Bangalore: The variety of nanoparticles that are being developed as the all-purpose delivery system for drugs and diagnostics may be ultra small in size, but could cause long-lasting damage to the body, even to the DNA.
Listen to an interview with Rajiv Saxena, a professor of Immunology at JNU who has got a grant to study nanoparticles. Download here
Reporting in Friday’s issue of Nature Nanotechnology, a team of UK researchers say that medically used nanoparticles can damage the cell’s DNA without even crossing the protective cellular barriers.
Even as several metal and polymer-based nanoparticles wriggle their way into our lives—in paints, sunscreens, tyres, anti-crease, anti-bacterial clothes, medicines, medical imaging—some organs in the body such as the skin, placenta, lungs and the gastrointestinal tract have been traditionally considered as barriers to many nanomaterials.
But the present study, led by Charles Patrick Case and Gevdeep Bhabra from Bristol Implant Research Centre in Bristol, shows that even if the nanoparticles don’t cross the barrier, they can damage the DNA through intercellular signalling, which is akin to a relay effect.
There have been several studies showing the toxicity of nanoparticles, but this study is different because it shows a novel indirect mechanism where a mediator such as the ATP (the powerhouse of the cell) is activated, which, in turn, generates a chain of cellular events, says Rajiv K. Saxena, professor of immunology at the Jawaharlal Nehru University in New Delhi. “The important point is that now we have to consider not only direct impacts, but even the indirect ones.”

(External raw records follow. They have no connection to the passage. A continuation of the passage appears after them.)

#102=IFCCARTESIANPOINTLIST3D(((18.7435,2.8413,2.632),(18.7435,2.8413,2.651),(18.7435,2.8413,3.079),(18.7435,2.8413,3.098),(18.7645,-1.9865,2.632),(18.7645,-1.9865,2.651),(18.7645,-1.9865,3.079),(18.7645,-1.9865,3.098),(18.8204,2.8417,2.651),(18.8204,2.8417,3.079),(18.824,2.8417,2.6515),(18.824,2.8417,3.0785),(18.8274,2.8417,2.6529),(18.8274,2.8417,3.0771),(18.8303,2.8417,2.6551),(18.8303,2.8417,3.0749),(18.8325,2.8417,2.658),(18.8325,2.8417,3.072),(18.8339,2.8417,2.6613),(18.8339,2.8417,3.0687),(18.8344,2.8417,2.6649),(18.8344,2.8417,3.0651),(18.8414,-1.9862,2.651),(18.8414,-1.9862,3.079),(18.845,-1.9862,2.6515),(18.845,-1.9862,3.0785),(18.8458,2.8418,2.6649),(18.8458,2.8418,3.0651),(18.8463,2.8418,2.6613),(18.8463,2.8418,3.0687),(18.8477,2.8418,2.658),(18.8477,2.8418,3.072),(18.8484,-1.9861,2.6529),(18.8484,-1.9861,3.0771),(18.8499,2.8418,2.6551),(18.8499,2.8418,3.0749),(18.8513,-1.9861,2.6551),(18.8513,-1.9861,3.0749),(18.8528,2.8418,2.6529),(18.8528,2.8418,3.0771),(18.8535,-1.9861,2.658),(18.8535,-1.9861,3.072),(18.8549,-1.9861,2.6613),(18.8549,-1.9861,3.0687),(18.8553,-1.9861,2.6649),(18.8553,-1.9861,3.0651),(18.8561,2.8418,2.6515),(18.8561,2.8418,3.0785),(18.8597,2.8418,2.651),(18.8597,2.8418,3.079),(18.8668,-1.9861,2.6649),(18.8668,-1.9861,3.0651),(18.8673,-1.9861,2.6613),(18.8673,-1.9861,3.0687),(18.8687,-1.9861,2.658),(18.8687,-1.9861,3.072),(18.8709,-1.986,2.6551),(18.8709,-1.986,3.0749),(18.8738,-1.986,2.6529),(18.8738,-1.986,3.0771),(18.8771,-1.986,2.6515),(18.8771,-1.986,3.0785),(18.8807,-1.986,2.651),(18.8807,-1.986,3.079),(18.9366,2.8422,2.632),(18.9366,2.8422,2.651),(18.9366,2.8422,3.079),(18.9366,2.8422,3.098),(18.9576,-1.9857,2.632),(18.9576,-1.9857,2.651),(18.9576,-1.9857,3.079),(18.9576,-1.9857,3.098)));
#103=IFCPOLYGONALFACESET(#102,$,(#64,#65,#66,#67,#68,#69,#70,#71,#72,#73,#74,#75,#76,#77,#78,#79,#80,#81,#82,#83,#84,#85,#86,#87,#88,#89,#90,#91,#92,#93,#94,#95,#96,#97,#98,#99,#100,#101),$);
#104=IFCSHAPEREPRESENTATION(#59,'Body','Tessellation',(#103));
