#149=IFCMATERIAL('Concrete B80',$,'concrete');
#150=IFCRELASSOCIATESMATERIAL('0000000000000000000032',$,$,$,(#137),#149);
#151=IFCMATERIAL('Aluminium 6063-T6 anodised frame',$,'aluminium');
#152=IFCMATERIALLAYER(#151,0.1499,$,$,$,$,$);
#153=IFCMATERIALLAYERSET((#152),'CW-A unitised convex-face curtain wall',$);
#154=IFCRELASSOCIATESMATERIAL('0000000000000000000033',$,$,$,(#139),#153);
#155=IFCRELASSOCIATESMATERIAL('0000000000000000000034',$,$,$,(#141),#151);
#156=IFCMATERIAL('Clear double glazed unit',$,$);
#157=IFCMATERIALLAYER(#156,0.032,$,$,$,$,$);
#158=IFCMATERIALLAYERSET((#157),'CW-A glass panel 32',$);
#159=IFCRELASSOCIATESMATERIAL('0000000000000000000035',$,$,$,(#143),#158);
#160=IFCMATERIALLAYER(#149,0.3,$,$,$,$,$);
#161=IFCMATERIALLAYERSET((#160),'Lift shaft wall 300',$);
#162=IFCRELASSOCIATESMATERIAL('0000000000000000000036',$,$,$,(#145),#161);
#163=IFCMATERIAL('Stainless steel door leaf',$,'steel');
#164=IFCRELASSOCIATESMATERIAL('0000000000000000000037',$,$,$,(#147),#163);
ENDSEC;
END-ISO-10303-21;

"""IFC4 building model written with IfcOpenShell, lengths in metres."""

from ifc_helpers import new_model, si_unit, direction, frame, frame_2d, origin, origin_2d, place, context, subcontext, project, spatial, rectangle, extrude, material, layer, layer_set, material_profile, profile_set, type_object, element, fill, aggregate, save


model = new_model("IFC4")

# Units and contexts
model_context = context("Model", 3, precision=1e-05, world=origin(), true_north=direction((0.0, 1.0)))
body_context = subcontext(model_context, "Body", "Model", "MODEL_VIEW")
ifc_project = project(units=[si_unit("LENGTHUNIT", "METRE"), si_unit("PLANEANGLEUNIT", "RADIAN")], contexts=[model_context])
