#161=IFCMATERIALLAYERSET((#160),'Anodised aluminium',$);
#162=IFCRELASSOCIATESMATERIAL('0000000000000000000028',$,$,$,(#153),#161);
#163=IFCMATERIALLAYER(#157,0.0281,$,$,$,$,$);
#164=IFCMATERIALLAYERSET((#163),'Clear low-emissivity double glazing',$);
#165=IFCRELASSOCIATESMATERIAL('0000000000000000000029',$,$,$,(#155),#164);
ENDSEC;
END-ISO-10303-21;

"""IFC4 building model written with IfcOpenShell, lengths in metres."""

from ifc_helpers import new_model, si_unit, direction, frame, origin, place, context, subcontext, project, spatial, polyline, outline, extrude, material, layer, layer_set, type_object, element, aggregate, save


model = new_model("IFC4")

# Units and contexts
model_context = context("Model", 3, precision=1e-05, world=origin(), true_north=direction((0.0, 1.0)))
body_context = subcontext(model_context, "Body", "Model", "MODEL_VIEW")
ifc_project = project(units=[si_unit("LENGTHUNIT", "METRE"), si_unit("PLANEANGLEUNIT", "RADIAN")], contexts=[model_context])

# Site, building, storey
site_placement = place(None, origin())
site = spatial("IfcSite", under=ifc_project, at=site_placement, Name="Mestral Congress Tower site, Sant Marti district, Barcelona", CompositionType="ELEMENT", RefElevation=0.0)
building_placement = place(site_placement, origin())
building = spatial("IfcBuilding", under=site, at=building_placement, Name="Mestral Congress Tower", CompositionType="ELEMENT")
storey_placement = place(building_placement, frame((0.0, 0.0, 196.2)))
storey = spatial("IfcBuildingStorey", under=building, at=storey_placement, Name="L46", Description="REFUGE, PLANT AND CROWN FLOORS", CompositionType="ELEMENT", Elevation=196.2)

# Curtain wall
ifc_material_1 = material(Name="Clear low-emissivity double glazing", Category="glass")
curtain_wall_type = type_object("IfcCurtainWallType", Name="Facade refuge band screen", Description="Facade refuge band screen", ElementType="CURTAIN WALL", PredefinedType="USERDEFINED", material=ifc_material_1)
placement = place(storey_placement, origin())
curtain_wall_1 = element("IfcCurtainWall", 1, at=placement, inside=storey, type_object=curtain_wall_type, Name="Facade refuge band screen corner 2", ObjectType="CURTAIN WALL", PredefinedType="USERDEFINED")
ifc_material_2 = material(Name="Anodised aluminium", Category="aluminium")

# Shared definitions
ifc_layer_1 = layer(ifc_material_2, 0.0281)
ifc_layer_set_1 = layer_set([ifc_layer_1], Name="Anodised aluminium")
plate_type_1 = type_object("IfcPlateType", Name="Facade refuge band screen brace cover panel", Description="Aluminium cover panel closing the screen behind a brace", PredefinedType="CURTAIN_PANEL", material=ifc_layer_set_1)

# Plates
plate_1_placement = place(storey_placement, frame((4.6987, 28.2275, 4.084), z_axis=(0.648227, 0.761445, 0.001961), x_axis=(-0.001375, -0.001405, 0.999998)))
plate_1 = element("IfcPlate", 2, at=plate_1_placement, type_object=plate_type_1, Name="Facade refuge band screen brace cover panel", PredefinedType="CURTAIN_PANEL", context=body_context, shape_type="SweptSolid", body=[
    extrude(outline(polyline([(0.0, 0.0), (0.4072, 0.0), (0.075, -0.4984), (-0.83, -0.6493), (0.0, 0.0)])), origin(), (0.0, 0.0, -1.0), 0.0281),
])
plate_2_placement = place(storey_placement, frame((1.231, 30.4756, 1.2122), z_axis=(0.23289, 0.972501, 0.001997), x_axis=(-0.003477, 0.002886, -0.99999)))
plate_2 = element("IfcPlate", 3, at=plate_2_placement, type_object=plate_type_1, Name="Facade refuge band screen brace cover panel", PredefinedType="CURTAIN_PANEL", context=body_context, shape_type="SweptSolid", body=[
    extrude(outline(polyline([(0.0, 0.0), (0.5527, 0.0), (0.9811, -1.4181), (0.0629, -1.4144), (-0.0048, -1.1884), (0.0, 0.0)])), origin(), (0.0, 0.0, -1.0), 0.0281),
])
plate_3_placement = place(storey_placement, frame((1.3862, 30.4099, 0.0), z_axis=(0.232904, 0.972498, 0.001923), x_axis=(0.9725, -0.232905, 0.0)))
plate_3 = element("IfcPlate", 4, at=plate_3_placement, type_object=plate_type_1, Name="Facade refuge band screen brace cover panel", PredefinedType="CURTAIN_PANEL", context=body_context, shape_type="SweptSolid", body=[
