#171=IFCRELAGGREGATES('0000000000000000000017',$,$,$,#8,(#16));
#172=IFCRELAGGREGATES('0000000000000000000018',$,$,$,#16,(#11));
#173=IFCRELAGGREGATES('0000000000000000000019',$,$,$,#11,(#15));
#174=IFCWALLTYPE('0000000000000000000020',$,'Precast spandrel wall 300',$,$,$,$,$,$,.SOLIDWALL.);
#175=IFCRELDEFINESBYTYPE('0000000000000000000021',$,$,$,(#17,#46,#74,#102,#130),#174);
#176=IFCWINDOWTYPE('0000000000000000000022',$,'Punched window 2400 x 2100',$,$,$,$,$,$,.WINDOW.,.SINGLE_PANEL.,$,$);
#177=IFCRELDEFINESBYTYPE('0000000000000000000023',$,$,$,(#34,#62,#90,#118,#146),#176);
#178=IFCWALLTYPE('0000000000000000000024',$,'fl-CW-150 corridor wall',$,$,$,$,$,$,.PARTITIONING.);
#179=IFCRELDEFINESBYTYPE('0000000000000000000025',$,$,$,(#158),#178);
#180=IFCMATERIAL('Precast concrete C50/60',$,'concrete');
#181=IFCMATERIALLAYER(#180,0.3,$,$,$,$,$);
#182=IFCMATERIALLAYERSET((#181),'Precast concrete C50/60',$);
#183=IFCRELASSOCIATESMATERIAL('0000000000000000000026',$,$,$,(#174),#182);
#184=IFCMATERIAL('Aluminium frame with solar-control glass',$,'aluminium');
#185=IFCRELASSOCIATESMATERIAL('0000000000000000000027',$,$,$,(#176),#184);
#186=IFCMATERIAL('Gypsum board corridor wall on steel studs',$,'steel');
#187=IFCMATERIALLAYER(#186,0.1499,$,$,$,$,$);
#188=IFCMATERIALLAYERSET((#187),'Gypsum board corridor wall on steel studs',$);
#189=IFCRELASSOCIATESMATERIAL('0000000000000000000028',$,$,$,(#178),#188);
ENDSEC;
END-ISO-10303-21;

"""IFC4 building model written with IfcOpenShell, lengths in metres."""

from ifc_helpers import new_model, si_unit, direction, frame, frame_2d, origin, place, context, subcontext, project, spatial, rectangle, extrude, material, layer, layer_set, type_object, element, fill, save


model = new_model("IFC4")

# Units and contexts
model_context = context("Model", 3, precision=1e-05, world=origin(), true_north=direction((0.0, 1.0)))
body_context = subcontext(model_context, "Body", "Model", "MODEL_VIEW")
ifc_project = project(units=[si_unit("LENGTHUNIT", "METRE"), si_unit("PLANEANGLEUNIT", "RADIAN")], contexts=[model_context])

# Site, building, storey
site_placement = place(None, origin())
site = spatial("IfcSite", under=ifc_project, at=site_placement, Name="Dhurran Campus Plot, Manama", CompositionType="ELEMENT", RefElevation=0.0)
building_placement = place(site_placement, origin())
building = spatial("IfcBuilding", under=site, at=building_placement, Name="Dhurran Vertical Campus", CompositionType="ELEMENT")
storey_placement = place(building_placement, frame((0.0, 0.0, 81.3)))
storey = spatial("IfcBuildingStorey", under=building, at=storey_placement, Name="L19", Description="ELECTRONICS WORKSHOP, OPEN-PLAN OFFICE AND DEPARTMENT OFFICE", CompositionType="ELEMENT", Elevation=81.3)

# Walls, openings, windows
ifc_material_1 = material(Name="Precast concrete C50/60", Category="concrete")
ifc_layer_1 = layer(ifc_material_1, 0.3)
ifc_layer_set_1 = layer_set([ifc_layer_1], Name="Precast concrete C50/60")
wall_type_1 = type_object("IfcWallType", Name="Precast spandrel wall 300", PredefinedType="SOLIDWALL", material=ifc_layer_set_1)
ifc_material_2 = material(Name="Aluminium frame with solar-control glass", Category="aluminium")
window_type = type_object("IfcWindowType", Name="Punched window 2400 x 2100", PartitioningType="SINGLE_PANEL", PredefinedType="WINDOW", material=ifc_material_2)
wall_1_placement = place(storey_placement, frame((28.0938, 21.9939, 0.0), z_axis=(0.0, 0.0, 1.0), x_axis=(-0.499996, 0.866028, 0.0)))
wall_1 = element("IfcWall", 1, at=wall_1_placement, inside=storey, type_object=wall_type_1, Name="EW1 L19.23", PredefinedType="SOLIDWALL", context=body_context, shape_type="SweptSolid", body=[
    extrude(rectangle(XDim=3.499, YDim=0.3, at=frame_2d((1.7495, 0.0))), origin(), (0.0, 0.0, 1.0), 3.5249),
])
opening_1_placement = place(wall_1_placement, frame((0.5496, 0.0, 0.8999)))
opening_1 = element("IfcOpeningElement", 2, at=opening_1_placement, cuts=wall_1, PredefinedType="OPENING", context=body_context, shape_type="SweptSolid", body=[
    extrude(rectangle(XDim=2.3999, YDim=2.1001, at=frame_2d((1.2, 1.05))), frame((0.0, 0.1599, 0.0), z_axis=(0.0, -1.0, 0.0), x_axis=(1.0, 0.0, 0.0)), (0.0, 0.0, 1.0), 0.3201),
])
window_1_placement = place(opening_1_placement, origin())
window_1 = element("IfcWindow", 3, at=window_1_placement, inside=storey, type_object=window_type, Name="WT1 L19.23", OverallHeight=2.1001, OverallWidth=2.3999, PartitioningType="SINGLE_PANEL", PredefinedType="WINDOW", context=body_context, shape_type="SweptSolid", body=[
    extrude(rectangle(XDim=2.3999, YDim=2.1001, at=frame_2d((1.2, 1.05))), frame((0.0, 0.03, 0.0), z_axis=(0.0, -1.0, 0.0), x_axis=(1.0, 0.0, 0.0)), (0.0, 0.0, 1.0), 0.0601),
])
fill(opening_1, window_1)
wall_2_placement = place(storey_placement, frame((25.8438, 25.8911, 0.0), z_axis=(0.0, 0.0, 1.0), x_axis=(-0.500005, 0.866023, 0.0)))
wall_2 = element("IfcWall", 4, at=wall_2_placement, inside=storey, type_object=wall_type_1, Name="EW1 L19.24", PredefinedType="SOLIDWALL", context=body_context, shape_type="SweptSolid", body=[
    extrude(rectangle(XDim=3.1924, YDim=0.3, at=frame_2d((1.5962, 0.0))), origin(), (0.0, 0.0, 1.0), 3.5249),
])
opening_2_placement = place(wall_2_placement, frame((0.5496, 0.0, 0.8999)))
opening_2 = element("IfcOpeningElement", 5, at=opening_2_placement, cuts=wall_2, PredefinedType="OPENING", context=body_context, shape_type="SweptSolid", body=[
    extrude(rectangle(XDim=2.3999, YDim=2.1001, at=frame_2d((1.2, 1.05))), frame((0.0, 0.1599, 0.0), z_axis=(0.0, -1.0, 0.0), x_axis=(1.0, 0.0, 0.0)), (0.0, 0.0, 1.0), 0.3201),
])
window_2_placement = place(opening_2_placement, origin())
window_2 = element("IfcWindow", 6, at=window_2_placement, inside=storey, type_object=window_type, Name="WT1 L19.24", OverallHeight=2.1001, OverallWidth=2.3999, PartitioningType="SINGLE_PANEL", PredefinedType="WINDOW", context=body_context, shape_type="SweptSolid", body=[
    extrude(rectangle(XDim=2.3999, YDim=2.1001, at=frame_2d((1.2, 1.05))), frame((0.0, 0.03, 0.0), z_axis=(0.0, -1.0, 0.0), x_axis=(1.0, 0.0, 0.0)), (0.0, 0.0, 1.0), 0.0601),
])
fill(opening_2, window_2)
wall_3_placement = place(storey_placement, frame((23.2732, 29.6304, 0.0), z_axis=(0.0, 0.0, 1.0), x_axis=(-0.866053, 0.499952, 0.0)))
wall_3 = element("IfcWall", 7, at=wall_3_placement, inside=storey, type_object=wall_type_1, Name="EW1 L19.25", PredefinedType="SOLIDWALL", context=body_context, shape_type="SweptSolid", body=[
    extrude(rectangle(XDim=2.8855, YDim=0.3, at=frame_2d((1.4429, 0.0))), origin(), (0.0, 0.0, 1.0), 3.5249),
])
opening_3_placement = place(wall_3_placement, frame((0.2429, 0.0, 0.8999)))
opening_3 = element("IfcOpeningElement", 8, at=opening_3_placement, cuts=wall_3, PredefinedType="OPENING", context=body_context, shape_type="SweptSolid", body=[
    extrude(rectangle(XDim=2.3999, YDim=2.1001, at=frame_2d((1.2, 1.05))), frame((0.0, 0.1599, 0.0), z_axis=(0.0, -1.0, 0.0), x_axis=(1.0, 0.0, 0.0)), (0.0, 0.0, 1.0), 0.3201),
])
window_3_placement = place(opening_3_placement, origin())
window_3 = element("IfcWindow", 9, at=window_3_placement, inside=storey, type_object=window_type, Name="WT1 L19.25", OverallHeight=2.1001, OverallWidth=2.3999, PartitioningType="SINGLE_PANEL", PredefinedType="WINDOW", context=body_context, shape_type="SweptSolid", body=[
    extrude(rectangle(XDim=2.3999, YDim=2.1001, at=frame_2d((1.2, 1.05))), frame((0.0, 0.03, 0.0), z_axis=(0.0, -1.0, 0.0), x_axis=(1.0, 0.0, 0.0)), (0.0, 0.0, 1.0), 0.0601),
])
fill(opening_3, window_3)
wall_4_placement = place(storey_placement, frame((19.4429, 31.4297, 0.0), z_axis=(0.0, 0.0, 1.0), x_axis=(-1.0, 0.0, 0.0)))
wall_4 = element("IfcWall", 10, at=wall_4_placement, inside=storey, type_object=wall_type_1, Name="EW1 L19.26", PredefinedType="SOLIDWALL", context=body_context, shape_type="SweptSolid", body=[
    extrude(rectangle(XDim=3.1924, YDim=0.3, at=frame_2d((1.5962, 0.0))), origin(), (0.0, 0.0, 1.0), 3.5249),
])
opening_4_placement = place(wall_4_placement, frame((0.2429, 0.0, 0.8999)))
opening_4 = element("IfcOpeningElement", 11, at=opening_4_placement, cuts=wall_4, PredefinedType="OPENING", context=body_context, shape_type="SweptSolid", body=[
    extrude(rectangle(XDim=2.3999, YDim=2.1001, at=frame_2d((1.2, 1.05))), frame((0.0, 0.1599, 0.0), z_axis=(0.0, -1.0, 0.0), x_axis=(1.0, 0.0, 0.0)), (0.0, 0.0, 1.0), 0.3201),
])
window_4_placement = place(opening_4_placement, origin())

To study the impact in the lab, scientists grew a multilayer of human cells to mimic a specialized protective barrier. They used this barrier to examine the indirect effects of cobalt-chromium nanoparticles—which are generated from wear and tear of bone implants that follow joint replacement surgeries and are also the most popularly used nanoparticles in magnetic scans—on the cells that were lying behind this barrier.
The amount of DNA damage in the cells behind the protective barrier was similar to the DNA damage caused by direct exposure to the nanoparticles.
“We are not saying that this is the model of what goes on in the body…but since nanotechnology is an extremely exciting technology with huge advantages to the mankind, we need to understand the way nanomaterials interact with the body,” Case said in a press briefing on Thursday.
He and his colleagues showed that the nanoparticles did not pass through the barrier to cause the DNA damage, but, in fact, generated signalling molecules within the barrier cells that were then transmitted to the cells behind the barrier.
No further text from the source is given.